We evaluated whether human genome sequences of the Japanese population derived from archaic hominins, such as Neanderthal or Denisovan, were under natural selection pressure. We obtained genomic regions from three previous studies37,38,39, where introgressions of the sequences derived from Neanderthal were observed in the Japanese individuals (3195, 3961, and 4223 loci spanning approximately 563, 296, and 578 total Mbp, respectively). For each introgression region, we calculated mean values of the SDS z-scores for the variants located within the Neanderthal-derived sequences. To generate a null distribution of the mean z-scores, we physically slid the introgression loci along with the concatenated chromosomes, in increments of 0.01% of the total length of concatenated chromosomes (×10,000 iterations), thereby maintaining the relations among neighboring variants while shuffling the introgression flags in the Neanderthal-derived sequences. In each permutation step, mean z-scores of the variants within the slid introgression loci were calculated to simulate the null distribution, which was used to calculate two-sided permutation P-values. We note that no Denisovan-derived sequences were observed in Japanese39, and thus, enrichment analysis was not conducted.

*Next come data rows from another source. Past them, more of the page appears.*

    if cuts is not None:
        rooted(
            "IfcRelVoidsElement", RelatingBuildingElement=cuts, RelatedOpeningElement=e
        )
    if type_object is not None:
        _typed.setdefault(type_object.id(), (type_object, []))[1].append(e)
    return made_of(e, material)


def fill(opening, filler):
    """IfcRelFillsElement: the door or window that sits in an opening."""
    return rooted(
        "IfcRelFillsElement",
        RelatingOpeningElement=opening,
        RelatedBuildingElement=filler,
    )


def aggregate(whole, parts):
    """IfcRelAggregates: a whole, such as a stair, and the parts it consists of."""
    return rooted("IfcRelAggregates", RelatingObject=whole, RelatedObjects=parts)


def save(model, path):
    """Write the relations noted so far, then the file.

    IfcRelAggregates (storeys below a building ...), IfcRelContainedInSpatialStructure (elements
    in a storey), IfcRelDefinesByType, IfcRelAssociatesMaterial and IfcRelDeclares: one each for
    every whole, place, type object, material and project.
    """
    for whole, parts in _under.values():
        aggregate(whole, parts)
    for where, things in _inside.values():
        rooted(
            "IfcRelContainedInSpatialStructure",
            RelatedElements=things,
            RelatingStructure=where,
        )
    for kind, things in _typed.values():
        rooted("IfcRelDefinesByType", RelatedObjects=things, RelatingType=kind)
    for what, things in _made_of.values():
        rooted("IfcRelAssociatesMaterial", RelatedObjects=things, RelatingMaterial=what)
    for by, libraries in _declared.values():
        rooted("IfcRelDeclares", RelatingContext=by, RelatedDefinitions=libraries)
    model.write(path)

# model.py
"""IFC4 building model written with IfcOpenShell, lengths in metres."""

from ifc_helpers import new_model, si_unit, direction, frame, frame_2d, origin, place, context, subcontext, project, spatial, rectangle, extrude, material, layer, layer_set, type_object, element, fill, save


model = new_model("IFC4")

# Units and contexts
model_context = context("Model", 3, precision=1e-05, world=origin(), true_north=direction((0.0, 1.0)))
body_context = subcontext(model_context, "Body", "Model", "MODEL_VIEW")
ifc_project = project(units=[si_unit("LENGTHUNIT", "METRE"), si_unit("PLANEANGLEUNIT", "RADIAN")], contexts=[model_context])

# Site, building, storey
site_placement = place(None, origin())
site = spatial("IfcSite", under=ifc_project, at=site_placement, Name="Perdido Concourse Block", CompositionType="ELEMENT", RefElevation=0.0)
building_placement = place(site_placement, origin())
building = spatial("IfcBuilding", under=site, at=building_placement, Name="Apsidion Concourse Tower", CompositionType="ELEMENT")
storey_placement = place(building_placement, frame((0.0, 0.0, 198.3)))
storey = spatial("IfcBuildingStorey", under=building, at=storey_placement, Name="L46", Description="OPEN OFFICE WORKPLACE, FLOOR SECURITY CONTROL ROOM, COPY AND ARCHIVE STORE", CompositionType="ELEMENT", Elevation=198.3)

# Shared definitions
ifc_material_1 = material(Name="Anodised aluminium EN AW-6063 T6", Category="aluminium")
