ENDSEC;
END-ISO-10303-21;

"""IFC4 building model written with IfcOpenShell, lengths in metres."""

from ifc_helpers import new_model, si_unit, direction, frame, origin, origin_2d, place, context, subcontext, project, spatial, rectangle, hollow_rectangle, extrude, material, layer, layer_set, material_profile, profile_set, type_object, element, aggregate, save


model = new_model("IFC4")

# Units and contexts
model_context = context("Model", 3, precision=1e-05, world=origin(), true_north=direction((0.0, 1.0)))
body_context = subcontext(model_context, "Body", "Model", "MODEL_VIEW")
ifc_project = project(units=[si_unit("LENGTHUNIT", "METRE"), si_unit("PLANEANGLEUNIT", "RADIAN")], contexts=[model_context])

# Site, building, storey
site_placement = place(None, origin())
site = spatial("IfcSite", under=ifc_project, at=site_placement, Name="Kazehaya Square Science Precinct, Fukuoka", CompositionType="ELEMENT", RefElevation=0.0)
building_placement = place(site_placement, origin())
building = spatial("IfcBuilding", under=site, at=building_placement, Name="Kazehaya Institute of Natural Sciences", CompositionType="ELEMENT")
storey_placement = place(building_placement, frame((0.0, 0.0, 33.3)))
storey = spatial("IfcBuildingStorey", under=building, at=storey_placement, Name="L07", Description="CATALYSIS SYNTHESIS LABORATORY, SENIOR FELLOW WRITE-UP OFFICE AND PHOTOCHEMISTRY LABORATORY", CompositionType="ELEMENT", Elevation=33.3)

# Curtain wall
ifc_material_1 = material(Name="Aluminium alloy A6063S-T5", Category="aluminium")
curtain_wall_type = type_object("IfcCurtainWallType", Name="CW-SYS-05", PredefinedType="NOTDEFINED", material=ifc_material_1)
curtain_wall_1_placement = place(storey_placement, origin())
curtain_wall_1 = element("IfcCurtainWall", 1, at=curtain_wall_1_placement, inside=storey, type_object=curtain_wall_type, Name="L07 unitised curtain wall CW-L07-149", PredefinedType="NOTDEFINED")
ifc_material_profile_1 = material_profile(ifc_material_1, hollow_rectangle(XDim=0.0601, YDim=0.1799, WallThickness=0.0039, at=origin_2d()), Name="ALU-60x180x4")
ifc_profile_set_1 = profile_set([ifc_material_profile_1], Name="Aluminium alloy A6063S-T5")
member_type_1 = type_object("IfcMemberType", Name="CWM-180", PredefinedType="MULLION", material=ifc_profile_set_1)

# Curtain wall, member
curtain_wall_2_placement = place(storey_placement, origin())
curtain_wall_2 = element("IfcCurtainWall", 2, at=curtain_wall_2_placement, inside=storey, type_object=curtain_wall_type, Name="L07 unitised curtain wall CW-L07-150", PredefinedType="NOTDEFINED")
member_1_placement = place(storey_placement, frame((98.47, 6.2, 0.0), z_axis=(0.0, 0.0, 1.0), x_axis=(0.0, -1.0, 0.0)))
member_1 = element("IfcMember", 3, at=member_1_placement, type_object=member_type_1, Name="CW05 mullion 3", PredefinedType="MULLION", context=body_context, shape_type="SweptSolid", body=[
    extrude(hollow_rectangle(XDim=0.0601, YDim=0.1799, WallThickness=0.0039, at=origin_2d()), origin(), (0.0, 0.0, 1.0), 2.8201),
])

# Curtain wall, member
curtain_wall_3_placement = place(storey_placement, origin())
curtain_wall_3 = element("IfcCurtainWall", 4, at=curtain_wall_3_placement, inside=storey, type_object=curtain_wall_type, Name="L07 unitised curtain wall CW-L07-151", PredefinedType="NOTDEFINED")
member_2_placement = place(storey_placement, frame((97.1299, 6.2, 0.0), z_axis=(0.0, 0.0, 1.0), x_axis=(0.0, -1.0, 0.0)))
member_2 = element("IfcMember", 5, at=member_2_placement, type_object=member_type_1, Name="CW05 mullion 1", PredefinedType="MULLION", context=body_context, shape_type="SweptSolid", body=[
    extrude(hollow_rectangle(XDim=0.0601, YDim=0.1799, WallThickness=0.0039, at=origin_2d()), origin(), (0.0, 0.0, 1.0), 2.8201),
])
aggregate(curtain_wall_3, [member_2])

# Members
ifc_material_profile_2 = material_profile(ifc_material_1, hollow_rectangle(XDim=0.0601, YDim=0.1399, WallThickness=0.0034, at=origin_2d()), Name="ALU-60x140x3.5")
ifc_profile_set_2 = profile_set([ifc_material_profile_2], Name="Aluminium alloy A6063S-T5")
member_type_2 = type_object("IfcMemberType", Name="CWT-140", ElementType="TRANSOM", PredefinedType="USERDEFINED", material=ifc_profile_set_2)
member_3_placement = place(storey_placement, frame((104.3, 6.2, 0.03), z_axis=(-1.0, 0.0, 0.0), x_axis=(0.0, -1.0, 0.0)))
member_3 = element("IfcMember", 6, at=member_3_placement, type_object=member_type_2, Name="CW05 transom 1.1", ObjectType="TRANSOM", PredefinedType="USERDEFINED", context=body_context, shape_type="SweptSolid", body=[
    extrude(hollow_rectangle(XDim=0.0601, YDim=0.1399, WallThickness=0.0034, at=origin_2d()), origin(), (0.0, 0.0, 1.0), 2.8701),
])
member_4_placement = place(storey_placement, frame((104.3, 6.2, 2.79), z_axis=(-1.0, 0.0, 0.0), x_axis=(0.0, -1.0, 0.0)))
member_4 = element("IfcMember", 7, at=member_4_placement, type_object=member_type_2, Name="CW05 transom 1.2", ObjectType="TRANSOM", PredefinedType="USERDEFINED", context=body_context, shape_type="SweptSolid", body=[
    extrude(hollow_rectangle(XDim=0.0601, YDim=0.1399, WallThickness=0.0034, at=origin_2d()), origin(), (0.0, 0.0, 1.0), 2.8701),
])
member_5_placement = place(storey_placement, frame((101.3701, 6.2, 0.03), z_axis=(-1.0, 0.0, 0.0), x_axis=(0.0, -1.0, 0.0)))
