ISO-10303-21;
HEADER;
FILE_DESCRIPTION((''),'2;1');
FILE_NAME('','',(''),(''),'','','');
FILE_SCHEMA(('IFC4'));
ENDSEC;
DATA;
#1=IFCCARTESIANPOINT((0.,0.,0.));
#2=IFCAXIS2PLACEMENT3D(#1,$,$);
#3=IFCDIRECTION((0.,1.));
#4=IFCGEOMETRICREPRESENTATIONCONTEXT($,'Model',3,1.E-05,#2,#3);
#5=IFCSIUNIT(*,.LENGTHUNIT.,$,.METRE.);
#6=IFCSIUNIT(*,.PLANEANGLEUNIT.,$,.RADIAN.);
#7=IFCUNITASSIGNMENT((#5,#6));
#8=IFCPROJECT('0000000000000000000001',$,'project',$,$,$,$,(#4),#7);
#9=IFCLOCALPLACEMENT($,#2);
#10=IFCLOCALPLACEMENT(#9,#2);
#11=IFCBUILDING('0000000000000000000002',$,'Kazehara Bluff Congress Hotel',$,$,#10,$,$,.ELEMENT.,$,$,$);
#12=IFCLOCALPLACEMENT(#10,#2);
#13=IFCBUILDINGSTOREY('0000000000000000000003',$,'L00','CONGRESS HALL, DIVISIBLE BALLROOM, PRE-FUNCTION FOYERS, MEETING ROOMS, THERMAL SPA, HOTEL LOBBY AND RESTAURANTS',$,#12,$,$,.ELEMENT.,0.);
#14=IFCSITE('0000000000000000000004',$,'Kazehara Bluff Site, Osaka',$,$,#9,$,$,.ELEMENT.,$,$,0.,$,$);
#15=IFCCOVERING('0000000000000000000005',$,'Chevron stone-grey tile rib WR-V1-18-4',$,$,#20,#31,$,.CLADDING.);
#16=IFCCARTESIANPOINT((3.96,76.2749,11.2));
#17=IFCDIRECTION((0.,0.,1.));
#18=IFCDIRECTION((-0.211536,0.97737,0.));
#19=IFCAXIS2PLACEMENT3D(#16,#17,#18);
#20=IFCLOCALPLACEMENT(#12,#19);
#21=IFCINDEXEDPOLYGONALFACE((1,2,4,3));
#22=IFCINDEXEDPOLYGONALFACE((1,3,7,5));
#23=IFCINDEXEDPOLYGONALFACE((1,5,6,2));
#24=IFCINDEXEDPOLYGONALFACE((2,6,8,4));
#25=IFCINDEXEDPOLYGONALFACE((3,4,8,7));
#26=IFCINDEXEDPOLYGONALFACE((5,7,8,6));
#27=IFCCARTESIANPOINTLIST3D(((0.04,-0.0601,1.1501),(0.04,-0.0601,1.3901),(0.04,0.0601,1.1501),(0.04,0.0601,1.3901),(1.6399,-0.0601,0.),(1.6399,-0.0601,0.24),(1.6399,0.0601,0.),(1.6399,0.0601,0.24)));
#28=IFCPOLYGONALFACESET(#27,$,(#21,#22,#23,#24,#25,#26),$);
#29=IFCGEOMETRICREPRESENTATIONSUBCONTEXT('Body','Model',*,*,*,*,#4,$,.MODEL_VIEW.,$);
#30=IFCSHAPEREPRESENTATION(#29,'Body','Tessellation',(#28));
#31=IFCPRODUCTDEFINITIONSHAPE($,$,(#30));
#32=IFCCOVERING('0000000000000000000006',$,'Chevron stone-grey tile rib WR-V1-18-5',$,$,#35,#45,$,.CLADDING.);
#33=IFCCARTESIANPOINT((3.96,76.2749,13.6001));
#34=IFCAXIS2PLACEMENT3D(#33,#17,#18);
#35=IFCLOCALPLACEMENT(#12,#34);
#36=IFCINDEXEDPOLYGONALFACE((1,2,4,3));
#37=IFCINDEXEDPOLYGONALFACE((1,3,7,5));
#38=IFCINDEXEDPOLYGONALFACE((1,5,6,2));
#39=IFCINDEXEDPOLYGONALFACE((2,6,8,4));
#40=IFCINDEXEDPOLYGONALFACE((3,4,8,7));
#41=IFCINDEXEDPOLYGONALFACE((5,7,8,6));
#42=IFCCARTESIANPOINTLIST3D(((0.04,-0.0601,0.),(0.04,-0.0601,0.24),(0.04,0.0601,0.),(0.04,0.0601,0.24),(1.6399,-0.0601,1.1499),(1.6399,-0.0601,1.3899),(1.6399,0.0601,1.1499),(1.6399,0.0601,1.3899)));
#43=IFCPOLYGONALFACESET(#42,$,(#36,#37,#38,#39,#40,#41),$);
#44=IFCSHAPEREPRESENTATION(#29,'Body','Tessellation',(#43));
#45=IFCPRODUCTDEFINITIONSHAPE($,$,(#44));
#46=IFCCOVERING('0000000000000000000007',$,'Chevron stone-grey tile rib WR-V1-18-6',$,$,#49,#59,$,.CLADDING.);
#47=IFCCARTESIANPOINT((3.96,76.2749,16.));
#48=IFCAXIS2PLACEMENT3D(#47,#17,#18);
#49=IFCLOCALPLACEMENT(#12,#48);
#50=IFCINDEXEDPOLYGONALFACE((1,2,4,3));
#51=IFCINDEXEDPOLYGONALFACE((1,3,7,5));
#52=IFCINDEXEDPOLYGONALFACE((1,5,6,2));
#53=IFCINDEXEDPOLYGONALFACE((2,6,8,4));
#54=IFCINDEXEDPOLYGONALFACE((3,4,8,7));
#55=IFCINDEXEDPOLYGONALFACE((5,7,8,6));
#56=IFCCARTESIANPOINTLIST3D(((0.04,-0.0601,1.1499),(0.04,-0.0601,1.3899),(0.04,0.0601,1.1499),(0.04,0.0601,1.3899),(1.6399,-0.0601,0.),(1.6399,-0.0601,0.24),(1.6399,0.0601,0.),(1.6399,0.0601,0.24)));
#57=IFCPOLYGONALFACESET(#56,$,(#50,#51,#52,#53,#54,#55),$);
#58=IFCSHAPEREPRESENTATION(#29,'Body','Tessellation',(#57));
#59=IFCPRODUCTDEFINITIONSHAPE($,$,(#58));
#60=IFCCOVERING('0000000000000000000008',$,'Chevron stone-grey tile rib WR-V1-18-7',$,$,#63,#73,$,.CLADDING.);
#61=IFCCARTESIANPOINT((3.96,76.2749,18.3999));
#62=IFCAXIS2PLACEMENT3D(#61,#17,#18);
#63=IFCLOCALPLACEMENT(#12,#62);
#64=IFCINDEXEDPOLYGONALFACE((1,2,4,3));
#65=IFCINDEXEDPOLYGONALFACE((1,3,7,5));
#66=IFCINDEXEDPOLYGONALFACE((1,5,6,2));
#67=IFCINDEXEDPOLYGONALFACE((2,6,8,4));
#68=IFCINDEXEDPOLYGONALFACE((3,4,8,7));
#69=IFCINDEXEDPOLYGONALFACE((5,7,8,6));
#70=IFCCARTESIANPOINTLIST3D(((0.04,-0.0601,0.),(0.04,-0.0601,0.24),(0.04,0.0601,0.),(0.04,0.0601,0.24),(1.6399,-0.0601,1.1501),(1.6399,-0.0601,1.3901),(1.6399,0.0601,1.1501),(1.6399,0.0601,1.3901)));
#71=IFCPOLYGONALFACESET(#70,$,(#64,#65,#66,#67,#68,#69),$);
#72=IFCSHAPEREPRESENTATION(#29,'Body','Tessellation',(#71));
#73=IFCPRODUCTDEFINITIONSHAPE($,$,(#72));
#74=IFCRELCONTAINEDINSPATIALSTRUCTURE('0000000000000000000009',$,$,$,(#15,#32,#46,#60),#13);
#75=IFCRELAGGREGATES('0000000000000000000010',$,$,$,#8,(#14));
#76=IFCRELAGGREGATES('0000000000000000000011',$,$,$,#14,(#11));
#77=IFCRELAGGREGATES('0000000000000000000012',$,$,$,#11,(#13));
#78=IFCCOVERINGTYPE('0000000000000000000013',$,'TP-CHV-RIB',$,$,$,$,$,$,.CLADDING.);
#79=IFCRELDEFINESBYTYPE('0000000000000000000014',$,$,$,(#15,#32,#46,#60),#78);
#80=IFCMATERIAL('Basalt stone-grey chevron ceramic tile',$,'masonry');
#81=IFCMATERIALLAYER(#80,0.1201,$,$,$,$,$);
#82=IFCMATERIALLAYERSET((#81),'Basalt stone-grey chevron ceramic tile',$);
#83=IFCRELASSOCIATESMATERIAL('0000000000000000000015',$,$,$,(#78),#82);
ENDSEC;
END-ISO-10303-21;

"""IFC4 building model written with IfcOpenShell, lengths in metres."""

from ifc_helpers import new_model, si_unit, direction, frame, origin, place, context, subcontext, project, spatial, polyline, outline, extrude, material, layer, layer_set, type_object, element, save


model = new_model("IFC4")

# Units and contexts
model_context = context("Model", 3, precision=1e-05, world=origin(), true_north=direction((0.0, 1.0)))
body_context = subcontext(model_context, "Body", "Model", "MODEL_VIEW")
ifc_project = project(units=[si_unit("LENGTHUNIT", "METRE"), si_unit("PLANEANGLEUNIT", "RADIAN")], contexts=[model_context])

# Site, building, storey
site_placement = place(None, origin())
site = spatial("IfcSite", under=ifc_project, at=site_placement, Name="Kazehara Bluff Site, Osaka", CompositionType="ELEMENT", RefElevation=0.0)
building_placement = place(site_placement, origin())
building = spatial("IfcBuilding", under=site, at=building_placement, Name="Kazehara Bluff Congress Hotel", CompositionType="ELEMENT")
storey_placement = place(building_placement, origin())
storey = spatial("IfcBuildingStorey", under=building, at=storey_placement, Name="L00", Description="CONGRESS HALL, DIVISIBLE BALLROOM, PRE-FUNCTION FOYERS, MEETING ROOMS, THERMAL SPA, HOTEL LOBBY AND RESTAURANTS", CompositionType="ELEMENT", Elevation=0.0)

# Coverings
ifc_material = material(Name="Basalt stone-grey chevron ceramic tile", Category="masonry")
ifc_layer = layer(ifc_material, 0.1201)
ifc_layer_set = layer_set([ifc_layer], Name="Basalt stone-grey chevron ceramic tile")
covering_type = type_object("IfcCoveringType", Name="TP-CHV-RIB", PredefinedType="CLADDING", material=ifc_layer_set)
covering_1_placement = place(storey_placement, frame((3.96, 76.2749, 11.2), z_axis=(0.0, 0.0, 1.0), x_axis=(-0.211536, 0.97737, 0.0)))
element("IfcCovering", 1, at=covering_1_placement, inside=storey, type_object=covering_type, Name="Chevron stone-grey tile rib WR-V1-18-4", PredefinedType="CLADDING", context=body_context, shape_type="SweptSolid", body=[
    extrude(outline(polyline([(0.04, 1.1501), (1.6399, 0.0), (1.6399, 0.24), (0.04, 1.3901), (0.04, 1.1501)])), frame((0.0, 0.0601, 0.0), z_axis=(0.0, -1.0, 0.0), x_axis=(1.0, 0.0, 0.0)), (0.0, 0.0, 1.0), 0.1201),
])
covering_2_placement = place(storey_placement, frame((3.96, 76.2749, 13.6001), z_axis=(0.0, 0.0, 1.0), x_axis=(-0.211536, 0.97737, 0.0)))
element("IfcCovering", 2, at=covering_2_placement, inside=storey, type_object=covering_type, Name="Chevron stone-grey tile rib WR-V1-18-5", PredefinedType="CLADDING", context=body_context, shape_type="SweptSolid", body=[
    extrude(outline(polyline([(0.04, 0.0), (1.6399, 1.1499), (1.6399, 1.3899), (0.04, 0.24), (0.04, 0.0)])), frame((0.0, 0.0601, 0.0), z_axis=(0.0, -1.0, 0.0), x_axis=(1.0, 0.0, 0.0)), (0.0, 0.0, 1.0), 0.1201),
])
covering_3_placement = place(storey_placement, frame((3.96, 76.2749, 16.0), z_axis=(0.0, 0.0, 1.0), x_axis=(-0.211536, 0.97737, 0.0)))
element("IfcCovering", 3, at=covering_3_placement, inside=storey, type_object=covering_type, Name="Chevron stone-grey tile rib WR-V1-18-6", PredefinedType="CLADDING", context=body_context, shape_type="SweptSolid", body=[
    extrude(outline(polyline([(0.04, 1.1499), (1.6399, 0.0), (1.6399, 0.24), (0.04, 1.3899), (0.04, 1.1499)])), frame((0.0, 0.0601, 0.0), z_axis=(0.0, -1.0, 0.0), x_axis=(1.0, 0.0, 0.0)), (0.0, 0.0, 1.0), 0.1201),
])
covering_4_placement = place(storey_placement, frame((3.96, 76.2749, 18.3999), z_axis=(0.0, 0.0, 1.0), x_axis=(-0.211536, 0.97737, 0.0)))
element("IfcCovering", 4, at=covering_4_placement, inside=storey, type_object=covering_type, Name="Chevron stone-grey tile rib WR-V1-18-7", PredefinedType="CLADDING", context=body_context, shape_type="SweptSolid", body=[
    extrude(outline(polyline([(0.04, 0.0), (1.6399, 1.1501), (1.6399, 1.3901), (0.04, 0.24), (0.04, 0.0)])), frame((0.0, 0.0601, 0.0), z_axis=(0.0, -1.0, 0.0), x_axis=(1.0, 0.0, 0.0)), (0.0, 0.0, 1.0), 0.1201),
])

save(model, "model.ifc")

Selection signatures enrichment in the GWAS-associated SNPs

We evaluated enrichment of the natural selection signatures on the human complex trait-associated variants in the Japanese population. We collected a list of the variants identified by the GWAS conducted for the Japanese population that satisfied the typical genome-wide significance threshold (P < 5.0 × 10−8). We curated the GWAS catalog database to obtain the variant list, in addition to manual curation of the published literature41,42,43,44. We also integrated the GWAS results of BBJ (anthropometric traits31 and biochemical and hematological biomarkers)32 and the immune-cell-specific eQTL results of Japanese ancestry45. To robustly estimate enrichment, we applied rank-based normalization to the SDS z-scores. For each set of the GWAS-associated variants of a trait, the sum of the square values of the rank-based normalized SDS z-scores of the variants (or the proxy variants in LD [r2 > 0.5 in 1000 Genomes Project EAS]) were compared to the χ2 distribution with the degree of freedom equal to the number of the variants.

Data source

The URLs for data presented herein are as follows:

The Genome Aggregation Database (gnomAD), http://gnomad.broadinstitute.org/

The UK10K project, https://www.uk10k.org/data.html

The BioBank Japan Project (BBJ), https://biobankjp.org/english/index.html

Bcl2fastq and Bsl2fastq2, https://support.illumina.com/sequencing/sequencing_software/bcl2fastq-conversion-software.html

BWA-MEM, http://bio-bwa.sourceforge.net/

Picard, https://broadinstitute.github.io/picard/

GATK, https://software.broadinstitute.org/gatk/

Beagle, https://faculty.washington.edu/browning/beagle/beagle.html

Vcftools, http://vcftools.sourceforge.net/

ANNOVAR, http://annovar.openbioinformatics.org/en/latest/

Fraction under selection, https://github.com/moon-s/fraction-under-selection

The 1000 Genomes Project, http://www.internationalgenome.org/

dbSNP, https://www.ncbi.nlm.nih.gov/projects/SNP/

SMC++, https://github.com/popgenmethods/smcpp

Singleton density score (SDS), https://github.com/yairf/SDS

GWAS catalog, https://www.ebi.ac.uk/gwas/

Immune-cell-specific eQTL results, https://humandbs.biosciencedbc.jp/hum0099-v1

JENGER, http://jenger.riken.jp

Data availability

WGS data of a part of the BBJ subjects (n = 1,026) is publically available at the National Bioscience Database Center (NBDC) Human Database (https://humandbs.biosciencedbc.jp/en/) under research ID hum0014, Japanese Genotype-phenotype Archive (JGA; https://www.ddbj.nig.ac.jp/jga/index.html) under accession ID JGAS00000000114. Allele frequency data of this WGS data is publicly available at Japanese ENcyclopedia of GEnetic associations by Riken (JENGER; http://jenger.riken.jp/). WGS data of the rest of the BBJ subjects (n = 913) is available on request after approval of the ethical committee of RIKEN Yokohama Institute and the Institute of Medical Science. WGS data of the controls (n = 295) will be available on request under the condition of approval of the ethical committee of Keio University and material transfer agreement.